As an alternative, consider committing a bunch of records in your batch, then doing the callout during the next batch. Pseudocode follows:

public void GenerateAndEmailPDF implements Database.Stateful, Database.Batchable<SObject>, Database.AllowCallouts {
    Id[] callouts = new Id[0];
    public Database.QueryLocator start(Database.BatchableContext context) {
    public void execute(Database.BatchableContext context, Opportunity[] records) {
    public void finish(Database.BatchableContext) {
    public void doCallouts(Id[] quoteIds) {
    public void generateQuotes(Opportunity[] records) {
        callouts.addAll(new Map<Id, Quote>(newQuotes).keySet());

doCallouts generates the PDF files from the prior iteration, and then the new quotes are saved. One final push is needed in the finish method to finish generating the rest of the PDF files.

  • Duh, I can't believe I forgot about the finish method :/
    – gNerb
    Commented May 22, 2018 at 16:18
  • I assume the finish method get's it's own context after all batches are finished and that the context is subject to async limits as well? I'm wondering how viable this is as there is still ALOT of work to do after the quotes have been created.
    – gNerb
    Commented May 22, 2018 at 16:21
  • @gNerb Note that what I'm doing is putting the callouts before the DML, as the framework requires. The PDF generation is actually occurring one transaction after the quotes are created. You can do any additional work (sending emails, etc) after doing the callouts. You don't need to do this exclusively in the finish method.
    – sfdcfox
    Commented May 22, 2018 at 16:23
  • 1
    @gNerb You're overthinking it. It's just my preferred style of code. Within the asynchronous code, this code executes in order. It's just more efficient to call addAll once than it is to call add one hundred times.
    – sfdcfox
    Commented May 22, 2018 at 16:42
  • 1
    @gNerb I've mixed set/list data types; you could change the variable to a set if you prefer, then the direct assignment would be practical. Again, this is more pseudo-code, not meant to be taken literally.
    – sfdcfox
    Commented May 22, 2018 at 16:44

(This is a sample of using a queueable, I'm not accepting as I'd like other's to weigh in)

As stated in the question, the only solution I can think to try is to move the code around generating PDFs into a queueable. I'm concerned about limits related to queueables.

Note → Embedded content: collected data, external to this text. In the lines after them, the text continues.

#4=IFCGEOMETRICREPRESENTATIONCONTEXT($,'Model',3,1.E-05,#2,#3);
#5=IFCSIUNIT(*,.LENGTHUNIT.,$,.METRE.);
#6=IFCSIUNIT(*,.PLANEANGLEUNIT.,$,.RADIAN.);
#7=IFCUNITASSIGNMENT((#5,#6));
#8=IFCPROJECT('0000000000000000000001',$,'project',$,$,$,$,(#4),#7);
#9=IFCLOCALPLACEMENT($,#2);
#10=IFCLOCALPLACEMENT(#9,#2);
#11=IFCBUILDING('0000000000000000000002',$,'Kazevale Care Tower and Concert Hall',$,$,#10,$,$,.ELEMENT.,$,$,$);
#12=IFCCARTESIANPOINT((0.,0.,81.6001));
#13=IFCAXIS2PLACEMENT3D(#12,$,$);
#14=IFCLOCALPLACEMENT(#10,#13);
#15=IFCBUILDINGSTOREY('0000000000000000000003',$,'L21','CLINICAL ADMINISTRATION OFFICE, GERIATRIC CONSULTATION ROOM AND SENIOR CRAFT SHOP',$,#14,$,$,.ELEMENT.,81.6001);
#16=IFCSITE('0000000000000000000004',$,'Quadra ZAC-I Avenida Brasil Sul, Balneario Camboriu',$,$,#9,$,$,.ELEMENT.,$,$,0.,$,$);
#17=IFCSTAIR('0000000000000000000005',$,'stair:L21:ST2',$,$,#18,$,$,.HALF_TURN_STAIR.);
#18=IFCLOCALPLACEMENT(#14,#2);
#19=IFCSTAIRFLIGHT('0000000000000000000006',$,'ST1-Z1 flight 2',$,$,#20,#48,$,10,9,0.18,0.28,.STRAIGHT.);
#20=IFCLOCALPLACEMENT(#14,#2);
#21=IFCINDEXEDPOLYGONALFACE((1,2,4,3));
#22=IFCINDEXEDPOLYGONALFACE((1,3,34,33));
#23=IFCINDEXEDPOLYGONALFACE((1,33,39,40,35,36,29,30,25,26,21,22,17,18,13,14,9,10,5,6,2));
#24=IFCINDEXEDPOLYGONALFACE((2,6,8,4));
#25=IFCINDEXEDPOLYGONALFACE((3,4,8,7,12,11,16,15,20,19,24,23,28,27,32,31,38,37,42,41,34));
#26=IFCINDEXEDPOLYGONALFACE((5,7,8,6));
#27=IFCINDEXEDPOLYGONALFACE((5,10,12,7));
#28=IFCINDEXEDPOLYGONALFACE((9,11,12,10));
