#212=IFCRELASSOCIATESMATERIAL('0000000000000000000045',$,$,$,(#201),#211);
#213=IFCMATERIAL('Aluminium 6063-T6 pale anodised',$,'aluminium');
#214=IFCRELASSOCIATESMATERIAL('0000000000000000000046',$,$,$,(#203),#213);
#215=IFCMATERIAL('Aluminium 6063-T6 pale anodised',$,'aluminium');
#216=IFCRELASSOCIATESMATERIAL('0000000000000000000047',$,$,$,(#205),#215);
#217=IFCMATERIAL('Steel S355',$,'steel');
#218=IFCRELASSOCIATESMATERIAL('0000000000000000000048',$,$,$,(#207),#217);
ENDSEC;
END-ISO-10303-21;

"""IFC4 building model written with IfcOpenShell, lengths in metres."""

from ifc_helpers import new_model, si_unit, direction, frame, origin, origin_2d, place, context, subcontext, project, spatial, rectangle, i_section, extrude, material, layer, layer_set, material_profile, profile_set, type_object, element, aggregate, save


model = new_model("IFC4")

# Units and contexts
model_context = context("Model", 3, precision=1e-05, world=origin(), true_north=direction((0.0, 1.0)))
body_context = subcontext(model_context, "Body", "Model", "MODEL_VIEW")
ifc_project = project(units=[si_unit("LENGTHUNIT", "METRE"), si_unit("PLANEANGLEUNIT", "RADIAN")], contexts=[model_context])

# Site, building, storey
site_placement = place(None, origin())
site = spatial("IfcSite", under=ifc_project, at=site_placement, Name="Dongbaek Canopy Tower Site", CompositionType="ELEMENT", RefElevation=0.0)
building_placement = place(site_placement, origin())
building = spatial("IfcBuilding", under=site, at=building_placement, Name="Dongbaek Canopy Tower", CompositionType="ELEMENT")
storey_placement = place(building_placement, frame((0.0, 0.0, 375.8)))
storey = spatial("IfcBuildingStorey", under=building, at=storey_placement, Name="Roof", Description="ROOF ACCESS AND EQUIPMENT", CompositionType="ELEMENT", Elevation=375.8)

In an attempt to reduce the impact on limits, I'm bulkifying my queueable by using a list of quotes in order to reduce the number of jobs I have to enqueue. This should mean I only need 1 queueable per transaction:


public class QueueableAutoRenewal implements Queueable {
    public List<Quote> newQuotes;

    public void execute(QueueableContext context) {
        if (this.newQuotes != null) {
            // Do the stuff

Enqueueing the Job

QueueableAutoRenewal queueableJob = new QueueableAutoRenewal();
queueableJob.newQuotes = quotesToInsert;

From what I can tell by researching limits, this is the most restrictive limit so if I can workaround it by bulkifying my queueble, I think It'll work. Feel free to point out any other limits I need to be aware of.


For my needs, I don't think I'll need to perform DML on the quotes so I'm not re-querying them and I'm not super concerned with access issues.